ATP and STAT are tools to debug abnormal program terminations such as segfaults. ATP (Abnormal Termination Processing) monitors a program while it runs. If the program crashes, ATP will invoke STAT (the Stack Trace Analysis Tool) to merge the stack backtraces of the application processes to an output file "atpMergedBT.dot". This merged stack backtrace file may then be visualized using STAT's visualization tool, stat-view.
Using ATP with stat-view
When you try to run you get a segfault. After running, the job's stderr file (which defaults to $COBALT_JOBID.error) contains:
user@thetalogin6:~> cat $COBALT_JOBID.error _pmiu_daemon(SIGCHLD): [NID 03834] [c7-1c2s14n2] [Sat Aug 18 03:21:19 2018] \ PE RANK 30 exit signal Segmentation fault [NID 03834] 2018-08-18 03:21:19 Apid 4938801: initiated application termination
ATP and stat-view can be used to look into the segfault.
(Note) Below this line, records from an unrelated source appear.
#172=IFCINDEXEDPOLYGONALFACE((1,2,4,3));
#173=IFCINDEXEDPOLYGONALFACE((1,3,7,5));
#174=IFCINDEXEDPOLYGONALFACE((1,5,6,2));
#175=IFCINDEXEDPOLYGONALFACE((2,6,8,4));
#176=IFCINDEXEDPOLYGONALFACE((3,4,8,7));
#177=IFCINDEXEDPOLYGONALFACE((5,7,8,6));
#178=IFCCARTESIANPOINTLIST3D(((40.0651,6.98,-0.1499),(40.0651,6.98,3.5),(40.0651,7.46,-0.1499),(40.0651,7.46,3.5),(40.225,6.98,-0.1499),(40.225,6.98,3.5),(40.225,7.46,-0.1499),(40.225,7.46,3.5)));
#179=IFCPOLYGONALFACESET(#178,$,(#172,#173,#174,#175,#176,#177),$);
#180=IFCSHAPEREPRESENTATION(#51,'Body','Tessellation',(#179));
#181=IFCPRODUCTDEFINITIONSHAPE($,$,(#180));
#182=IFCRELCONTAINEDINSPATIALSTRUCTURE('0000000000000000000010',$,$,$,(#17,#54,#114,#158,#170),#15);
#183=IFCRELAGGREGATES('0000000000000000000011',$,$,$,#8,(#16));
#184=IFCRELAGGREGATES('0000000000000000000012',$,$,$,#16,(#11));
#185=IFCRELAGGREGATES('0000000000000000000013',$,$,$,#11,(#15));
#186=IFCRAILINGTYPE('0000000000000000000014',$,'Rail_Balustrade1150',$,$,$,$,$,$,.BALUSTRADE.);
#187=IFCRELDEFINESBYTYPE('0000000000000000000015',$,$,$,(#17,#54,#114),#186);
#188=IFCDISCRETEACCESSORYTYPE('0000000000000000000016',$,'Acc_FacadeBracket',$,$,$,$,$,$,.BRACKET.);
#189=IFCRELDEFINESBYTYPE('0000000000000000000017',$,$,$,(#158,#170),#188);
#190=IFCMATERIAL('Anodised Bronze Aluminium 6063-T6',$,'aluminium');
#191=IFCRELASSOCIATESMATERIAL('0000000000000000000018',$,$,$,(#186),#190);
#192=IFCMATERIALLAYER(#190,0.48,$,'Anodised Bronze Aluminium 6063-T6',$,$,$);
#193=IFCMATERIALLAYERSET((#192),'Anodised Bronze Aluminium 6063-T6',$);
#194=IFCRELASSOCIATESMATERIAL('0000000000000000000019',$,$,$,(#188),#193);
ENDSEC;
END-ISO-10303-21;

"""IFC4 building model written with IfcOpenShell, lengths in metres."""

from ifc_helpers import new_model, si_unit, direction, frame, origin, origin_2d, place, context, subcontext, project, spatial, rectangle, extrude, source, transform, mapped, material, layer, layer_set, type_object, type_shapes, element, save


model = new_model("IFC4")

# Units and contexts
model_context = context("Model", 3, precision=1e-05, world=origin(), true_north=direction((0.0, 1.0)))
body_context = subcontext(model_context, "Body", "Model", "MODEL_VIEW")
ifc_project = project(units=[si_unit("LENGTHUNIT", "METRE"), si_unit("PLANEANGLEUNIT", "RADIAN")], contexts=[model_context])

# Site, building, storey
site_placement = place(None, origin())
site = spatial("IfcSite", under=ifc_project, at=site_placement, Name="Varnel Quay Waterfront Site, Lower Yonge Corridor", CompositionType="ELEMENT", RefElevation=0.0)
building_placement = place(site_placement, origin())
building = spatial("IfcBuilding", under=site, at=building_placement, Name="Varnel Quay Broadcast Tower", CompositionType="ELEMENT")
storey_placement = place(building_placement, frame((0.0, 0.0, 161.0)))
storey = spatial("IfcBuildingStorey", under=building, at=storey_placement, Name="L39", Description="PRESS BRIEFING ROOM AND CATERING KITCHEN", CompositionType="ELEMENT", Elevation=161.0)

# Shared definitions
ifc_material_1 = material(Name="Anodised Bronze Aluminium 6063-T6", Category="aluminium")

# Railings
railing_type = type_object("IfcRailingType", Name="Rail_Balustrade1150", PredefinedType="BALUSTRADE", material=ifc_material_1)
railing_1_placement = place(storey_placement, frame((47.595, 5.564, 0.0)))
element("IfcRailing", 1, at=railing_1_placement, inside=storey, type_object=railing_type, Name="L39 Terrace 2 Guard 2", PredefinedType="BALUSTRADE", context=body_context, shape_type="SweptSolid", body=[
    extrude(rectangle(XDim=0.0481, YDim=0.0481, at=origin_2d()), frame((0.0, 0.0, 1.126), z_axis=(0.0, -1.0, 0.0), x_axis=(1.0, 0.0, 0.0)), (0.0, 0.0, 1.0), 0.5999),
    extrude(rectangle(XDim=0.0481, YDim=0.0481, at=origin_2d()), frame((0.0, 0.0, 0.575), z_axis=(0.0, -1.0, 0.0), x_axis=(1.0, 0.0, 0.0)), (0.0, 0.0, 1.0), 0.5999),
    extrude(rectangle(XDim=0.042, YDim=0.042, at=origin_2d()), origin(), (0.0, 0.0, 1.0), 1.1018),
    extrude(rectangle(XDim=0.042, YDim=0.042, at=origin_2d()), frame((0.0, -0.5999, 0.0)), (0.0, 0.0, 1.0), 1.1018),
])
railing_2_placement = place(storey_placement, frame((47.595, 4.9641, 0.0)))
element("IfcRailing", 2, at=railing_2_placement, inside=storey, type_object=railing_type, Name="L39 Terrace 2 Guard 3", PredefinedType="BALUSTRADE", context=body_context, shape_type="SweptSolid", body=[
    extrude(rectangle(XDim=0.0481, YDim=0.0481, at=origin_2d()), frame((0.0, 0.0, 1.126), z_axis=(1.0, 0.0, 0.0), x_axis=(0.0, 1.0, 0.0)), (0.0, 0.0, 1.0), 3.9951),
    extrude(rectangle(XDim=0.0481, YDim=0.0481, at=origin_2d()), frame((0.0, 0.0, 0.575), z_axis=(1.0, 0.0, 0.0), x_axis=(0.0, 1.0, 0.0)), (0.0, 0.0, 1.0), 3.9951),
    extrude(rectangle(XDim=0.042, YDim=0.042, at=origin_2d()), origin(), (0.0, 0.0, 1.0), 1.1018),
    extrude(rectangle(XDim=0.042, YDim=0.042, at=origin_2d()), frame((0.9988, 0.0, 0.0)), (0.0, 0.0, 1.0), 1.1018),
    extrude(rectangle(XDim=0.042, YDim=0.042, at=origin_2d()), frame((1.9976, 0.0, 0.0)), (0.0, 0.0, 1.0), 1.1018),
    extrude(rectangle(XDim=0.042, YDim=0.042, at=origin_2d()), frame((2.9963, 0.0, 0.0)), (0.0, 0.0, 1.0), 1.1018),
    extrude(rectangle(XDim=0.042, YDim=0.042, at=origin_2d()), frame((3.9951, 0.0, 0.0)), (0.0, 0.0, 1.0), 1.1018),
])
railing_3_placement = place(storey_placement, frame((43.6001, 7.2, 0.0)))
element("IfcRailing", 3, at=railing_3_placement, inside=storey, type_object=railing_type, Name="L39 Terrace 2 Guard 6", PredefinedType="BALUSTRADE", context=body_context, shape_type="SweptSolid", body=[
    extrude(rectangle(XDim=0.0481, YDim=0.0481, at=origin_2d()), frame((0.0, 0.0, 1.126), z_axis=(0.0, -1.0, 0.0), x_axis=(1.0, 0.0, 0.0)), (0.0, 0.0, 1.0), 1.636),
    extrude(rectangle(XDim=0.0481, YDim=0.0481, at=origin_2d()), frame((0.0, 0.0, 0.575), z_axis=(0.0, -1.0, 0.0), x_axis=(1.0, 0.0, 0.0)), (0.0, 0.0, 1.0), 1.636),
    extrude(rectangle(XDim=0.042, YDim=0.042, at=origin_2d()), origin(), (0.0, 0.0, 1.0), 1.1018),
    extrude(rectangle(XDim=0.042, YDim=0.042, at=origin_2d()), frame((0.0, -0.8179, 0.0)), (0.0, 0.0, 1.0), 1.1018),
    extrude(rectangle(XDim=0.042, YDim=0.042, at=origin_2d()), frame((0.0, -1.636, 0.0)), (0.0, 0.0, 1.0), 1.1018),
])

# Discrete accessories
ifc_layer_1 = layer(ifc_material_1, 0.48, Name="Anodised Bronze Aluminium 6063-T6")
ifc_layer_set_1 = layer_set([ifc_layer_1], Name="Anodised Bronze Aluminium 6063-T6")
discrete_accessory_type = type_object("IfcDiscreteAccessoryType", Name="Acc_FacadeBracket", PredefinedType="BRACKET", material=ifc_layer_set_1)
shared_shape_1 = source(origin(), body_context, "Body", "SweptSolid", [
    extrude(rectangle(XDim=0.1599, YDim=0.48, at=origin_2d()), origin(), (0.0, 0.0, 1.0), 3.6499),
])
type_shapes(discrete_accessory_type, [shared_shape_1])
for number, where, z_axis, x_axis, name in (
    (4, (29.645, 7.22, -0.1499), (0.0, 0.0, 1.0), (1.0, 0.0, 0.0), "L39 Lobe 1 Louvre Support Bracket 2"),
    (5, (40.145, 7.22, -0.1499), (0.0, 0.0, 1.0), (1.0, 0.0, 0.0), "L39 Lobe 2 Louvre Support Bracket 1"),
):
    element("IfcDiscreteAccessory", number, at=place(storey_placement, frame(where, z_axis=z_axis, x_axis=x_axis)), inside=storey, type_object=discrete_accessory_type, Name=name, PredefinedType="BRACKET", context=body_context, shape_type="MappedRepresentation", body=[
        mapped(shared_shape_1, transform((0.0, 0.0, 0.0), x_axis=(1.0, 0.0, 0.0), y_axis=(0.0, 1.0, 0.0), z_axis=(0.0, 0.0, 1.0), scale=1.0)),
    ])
To use ATP, the ATP module should be loaded before linking your application . By default it is loaded on Theta, but to verify this, run module list, and check that the atp module is loaded.
user@thetalogin6:~> module list Currently Loaded Modulefiles: 1) modules/22.214.171.124 2) intel/126.96.36.199 3) craype-network-aries ... 16) atp/2.1.2 17) perftools-base/7.0.2 ...
Running the code
Next, the environment variable ATP_ENABLED must be set in the job script to enable ATP.